On April 23, 2014, Tanya Sallustro filed a purported class action complaint (the “Complaint”) in the Southern District of New York (the “Court”) alleging securities fraud and related claims against the Company and certain of its officers and directors and seeking compensatory damages including litigation costs.  Ms. Sallustro alleges that between March 18-31, 2014, she purchased 325 shares of the Company’s common stock for a total investment of $15,791.00.  The Complaint refers to Current Reports on Form 8-K and Current Reports on Form 8-K/A filings made by the Company on April 3, 2014 and April 14, 2014, in which the Company amended previously disclosed sales (sales originally stated at $1,275,000 were restated to $1,082,375 - reduction of $192,625) and restated goodwill as $1,855,512 (previously reported at net zero).  Additionally, the Complaint states after the filing of the Company’s Current Report on Form 8-K on April 3, 2014 and the following press release, the Company’s stock price “fell $7.30 per share, or more than 20%, to close at $25.30 per share.”  Subsequent to the filing of the Complaint, six different individuals have filed a motion asking to be designated the lead plaintiff in the litigation.  The Court scheduled a hearing on August 14, 2014 to consider the motions for designation as lead plaintiff.  The other individuals seeking lead plaintiff designation are:  Wayne Chesner; Anamaria Schelling; Mark Williams; Otilda LaMont; Jane Ish and Steve Schuck.  After a hearing held on August 14, 2014, the Court took the matter under submission.  As of November 3, 2014, the Court has not issued a ruling appointing a lead plaintiff.  Accordingly, the Company has not yet answered the Complaint, but management intends to vigorously defend the allegations.
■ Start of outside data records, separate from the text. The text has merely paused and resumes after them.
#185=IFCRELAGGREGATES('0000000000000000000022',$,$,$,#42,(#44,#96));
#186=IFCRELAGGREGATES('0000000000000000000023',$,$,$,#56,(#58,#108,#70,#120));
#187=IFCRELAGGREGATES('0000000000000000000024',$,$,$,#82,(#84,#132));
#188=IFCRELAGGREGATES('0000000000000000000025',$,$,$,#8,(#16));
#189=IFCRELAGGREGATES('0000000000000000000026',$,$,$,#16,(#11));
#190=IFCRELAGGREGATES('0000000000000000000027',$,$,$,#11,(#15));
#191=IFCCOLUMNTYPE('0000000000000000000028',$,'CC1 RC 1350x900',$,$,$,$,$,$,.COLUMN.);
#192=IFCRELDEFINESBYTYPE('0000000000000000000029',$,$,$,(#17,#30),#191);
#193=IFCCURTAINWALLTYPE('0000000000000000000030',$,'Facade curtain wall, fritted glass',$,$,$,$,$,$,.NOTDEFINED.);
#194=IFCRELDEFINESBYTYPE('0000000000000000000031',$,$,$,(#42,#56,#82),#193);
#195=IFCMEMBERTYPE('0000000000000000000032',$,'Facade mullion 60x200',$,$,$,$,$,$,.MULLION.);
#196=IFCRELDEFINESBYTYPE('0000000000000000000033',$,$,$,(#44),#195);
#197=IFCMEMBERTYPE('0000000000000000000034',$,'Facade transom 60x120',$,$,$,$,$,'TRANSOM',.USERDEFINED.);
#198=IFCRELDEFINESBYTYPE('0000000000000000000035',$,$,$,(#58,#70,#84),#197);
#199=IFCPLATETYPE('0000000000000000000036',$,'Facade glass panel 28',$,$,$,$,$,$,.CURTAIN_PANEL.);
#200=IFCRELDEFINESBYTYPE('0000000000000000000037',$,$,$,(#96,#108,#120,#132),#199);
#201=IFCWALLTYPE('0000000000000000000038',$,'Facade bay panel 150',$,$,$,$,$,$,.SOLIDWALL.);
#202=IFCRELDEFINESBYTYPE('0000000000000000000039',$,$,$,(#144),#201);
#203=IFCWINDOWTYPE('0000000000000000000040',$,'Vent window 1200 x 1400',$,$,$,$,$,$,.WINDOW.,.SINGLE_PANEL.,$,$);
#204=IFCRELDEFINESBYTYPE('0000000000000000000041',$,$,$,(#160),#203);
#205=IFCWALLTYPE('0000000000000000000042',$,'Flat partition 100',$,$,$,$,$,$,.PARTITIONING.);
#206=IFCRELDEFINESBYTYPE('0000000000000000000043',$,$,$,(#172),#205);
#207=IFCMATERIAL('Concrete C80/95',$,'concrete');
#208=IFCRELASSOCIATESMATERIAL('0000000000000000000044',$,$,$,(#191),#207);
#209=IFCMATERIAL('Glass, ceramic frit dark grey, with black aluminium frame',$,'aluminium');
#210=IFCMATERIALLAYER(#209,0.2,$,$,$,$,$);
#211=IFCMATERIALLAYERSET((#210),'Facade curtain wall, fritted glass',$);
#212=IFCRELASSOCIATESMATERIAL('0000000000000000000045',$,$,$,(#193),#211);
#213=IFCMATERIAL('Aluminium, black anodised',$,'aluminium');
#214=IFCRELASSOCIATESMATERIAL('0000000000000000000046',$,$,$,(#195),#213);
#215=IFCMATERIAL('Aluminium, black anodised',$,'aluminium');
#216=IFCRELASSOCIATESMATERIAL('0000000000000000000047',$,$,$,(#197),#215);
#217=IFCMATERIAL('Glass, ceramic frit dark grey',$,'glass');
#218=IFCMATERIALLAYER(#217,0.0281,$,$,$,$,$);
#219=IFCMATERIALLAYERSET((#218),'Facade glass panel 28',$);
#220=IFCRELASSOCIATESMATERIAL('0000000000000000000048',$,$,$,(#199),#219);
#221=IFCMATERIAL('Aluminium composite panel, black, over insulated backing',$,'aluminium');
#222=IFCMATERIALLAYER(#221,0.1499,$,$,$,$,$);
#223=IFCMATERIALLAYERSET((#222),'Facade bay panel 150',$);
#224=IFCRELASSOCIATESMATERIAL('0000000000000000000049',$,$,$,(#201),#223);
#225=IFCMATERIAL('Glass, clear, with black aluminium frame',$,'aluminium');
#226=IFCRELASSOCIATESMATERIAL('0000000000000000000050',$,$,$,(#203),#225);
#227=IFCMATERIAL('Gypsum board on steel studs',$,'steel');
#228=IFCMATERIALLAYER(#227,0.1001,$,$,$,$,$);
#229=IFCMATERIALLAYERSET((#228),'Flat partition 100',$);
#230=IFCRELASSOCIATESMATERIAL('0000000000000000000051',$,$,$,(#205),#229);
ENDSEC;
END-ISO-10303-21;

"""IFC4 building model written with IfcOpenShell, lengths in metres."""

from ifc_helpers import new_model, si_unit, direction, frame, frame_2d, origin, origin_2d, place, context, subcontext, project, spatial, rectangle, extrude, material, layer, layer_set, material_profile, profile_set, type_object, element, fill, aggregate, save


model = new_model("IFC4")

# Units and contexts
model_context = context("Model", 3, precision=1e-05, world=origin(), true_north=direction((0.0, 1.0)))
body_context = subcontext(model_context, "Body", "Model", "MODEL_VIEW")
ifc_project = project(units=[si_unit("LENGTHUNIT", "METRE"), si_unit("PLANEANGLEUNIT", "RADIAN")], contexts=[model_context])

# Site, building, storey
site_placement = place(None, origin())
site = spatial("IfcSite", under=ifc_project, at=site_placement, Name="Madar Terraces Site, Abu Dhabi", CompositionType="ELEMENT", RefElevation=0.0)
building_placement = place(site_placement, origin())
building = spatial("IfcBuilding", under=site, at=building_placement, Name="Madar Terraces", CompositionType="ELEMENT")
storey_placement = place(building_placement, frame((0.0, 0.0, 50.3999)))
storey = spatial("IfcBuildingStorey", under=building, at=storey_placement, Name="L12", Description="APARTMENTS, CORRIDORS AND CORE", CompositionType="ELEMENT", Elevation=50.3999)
An estimate of the possible loss cannot be made at this time.

 

On August 11, 2014, we terminated the Non-Exclusive License and Distribution Agreement with HempMeds PX, LLC (the “HempMeds Agreement”).  On or about August 13, 2014, HempMeds PX, LLC (“HempMeds”) demanded arbitration against us and recommended that the parties engage Private Trials in Las Vegas, Nevada to conduct the arbitration, denying that HempMeds was in breach of the HempMeds Agreement.  On August 22, 2014, HempMeds filed a complaint in the Eighth Judicial District, Clark County, Nevada (the “Nevada Complaint”) against us for breach of the HempMeds Agreement, unjust enrichment, and interference with prospective business advantage, claiming that it had satisfied all of its obligations under the HempMeds Agreement and that we breached that agreement by terminating it without just cause.  Concurrently, HempMeds filed a Motion for Preliminary Injunction, asking the Court to reinstate the HempMeds Agreement, namely the provision that identified HempMeds as the exclusive on-line seller of certain products of the Company.  The court denied HempMeds’ motion on October 3, 2014.  We have not yet answered the Nevada Complaint because the parties have agreed to arbitration and are attempting to resolve the issue of where the arbitration will be held.  We deny HempMeds’ claims and intend to vigorously defend the allegations and file appropriate counter-claims.  Since the action was recently filed and no discovery has been conducted, an estimate of the possible loss or recovery cannot be made at this time.

 

On September 11, 2014, we filed a complaint for trademark infringement against Kannaway, LLC, General Hemp, LLC and HDDC Holdings, LLC in the United States District Court, Southern District of California, Case No. 14-cv-2160-CAB-BLM, asserting that defendants have infringed our Cannabis Beauty Defined trademarks.  Defendants filed a Motion to Dismiss some of our claims, asserting that we have failed to allege sufficient facts to support those claims. The Court is scheduled to hear the motion on December 19, 2014.  Management intends to oppose the motion and to vigorously prosecute this complaint. Since the action was recently filed and no discovery has been conducted, an estimate of the possible recovery cannot be made at this time.